Question

An aerosol can contains 400. mL of compressed gas at 5.20 atm. When all of the gas is sprayed into a large plastic bag, the bag inflates to a volume of 2.14 L. What is the pressure of gas in the plastic bag? Assume a constant temperature.

Short answer

The pressure of the gas inside the plastic bag is approximately 0.97 atm.

Step-by-step solution

Understand the problem and the given data

We have an initial volume (V1) of 400 mL, which is the volume of compressed gas inside the aerosol can. The initial pressure (P1) is 5.20 atm. When the gas is transferred to the plastic bag, it inflates to a final volume (V2) of 2.14 L. We need to find the final pressure (P2) of the gas inside the plastic bag. Note: It is important to convert all given volumes to the same units.

Convert initial volume to liters

To convert the initial volume from mL to L, we can use the following conversion factor: 1 L = 1000 mL Therefore, the initial volume (V1) in liters is: V1 = 400 mL × \( \frac{1 L}{1000 mL} \) = 0.4 L

Apply the ideal gas law

Since the temperature and the number of moles of gas remain constant, we can use the following equation, which is derived from the ideal gas law: \( \frac{P1 \times V1}{T1} = \frac{P2 \times V2}{T2} \) Since T1 = T2, the equation can be simplified to: P1 × V1 = P2 × V2 We know the values of P1, V1, and V2, so we can solve for P2: P2 = \( \frac{P1 \times V1}{V2} \)

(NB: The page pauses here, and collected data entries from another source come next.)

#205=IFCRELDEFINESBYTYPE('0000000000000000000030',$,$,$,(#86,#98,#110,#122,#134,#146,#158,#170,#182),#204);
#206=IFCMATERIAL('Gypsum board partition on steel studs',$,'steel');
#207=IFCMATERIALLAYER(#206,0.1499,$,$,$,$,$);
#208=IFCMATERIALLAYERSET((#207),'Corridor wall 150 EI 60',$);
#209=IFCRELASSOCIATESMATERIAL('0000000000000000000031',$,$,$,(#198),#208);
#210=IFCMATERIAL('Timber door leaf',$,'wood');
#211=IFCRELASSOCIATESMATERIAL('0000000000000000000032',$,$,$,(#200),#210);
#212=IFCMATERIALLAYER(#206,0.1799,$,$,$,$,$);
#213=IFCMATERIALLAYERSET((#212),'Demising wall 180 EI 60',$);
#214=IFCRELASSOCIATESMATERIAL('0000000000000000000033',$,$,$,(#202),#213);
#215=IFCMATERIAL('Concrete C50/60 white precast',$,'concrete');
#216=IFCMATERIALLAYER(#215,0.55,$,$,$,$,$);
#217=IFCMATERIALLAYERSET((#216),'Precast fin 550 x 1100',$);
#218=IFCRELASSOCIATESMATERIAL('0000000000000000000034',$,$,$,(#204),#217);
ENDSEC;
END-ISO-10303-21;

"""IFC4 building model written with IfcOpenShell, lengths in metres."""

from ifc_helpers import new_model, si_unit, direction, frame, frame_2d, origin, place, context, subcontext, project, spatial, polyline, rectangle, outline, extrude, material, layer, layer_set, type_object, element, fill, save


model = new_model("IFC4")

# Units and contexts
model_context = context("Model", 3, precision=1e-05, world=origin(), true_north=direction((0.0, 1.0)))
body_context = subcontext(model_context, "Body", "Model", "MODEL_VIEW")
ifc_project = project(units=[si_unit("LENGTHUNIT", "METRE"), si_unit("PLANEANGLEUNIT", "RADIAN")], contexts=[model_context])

Calculate the final pressure

Now, we can substitute the given values into the equation to find P2: P2 = \( \frac{5.20 \; atm \times 0.4 \; L}{2.14 \; L} \) ≈ 0.97 atm So, the pressure of the gas inside the plastic bag is approximately 0.97 atm.

Key concepts

Pressure

Pressure is the force exerted by gas particles when they collide with the walls of their container. In the context of the Ideal Gas Law, pressure is an essential variable to understand how gases behave under various conditions. In the given problem, we start with an initial pressure (P1) of 5.20 atm inside the aerosol can. As the gas expands into the plastic bag, the volume increases, and the pressure decreases accordingly, assuming temperature remains constant. This relationship is represented by Boyle's Law, which states that the pressure of a gas is inversely related to its volume when temperature is constant.

The final step is to calculate the new pressure (P2) in the plastic bag. This is done using the formula derived from the Ideal Gas Law, where the Pressure-Volume Relationship can be simplified to:

• P1 x V1 = P2 x V2

This formula helps us understand how changes in volume can affect pressure, given a constant temperature. By substituting known values, the pressure in the bag is found to be approximately 0.97 atm.

Volume Conversion

When working with gases, converting volumes into consistent units is crucial. In this exercise, the gas initially occupies a volume of 400 mL inside the aerosol can. But, when dealing with equations rooted in the Ideal Gas Law, we need these volumes in liters to work consistently with common pressure-volume equations.

1 liter (L) equals 1000 milliliters (mL). To make the conversion from milliliters to liters, divide the volume in milliliters by 1000:

• 400 mL = 0.4 L

By converting the initial volume to 0.4 L, all volumes in the equation are comparable. It ensures accurate calculations when determining the new pressure after expansion. Incorrect volume units can lead to inaccuracies in calculations, so always check units carefully.

Constant Temperature

A key assumption in this problem is that the temperature remains constant as the gas moves from the aerosol can to the plastic bag. This assumption is central to applying Boyle's Law, which allows us to link changes in pressure and volume directly, without worrying about temperature changes.

When temperature is constant, we can simplify the Ideal Gas Law to a form that relates only pressure and volume:

• T1 = T2 ➔ so, P1 x V1 = P2 x V2

No temperature terms appear in the equation because temperature's constancy ensures that it doesn't affect the relationship of pressure and volume. In real-life scenarios, especially when gases undergo quick expansions or compressions, temperature changes could impact outcomes. But in this controlled problem, focusing on pressure and volume gives clear results.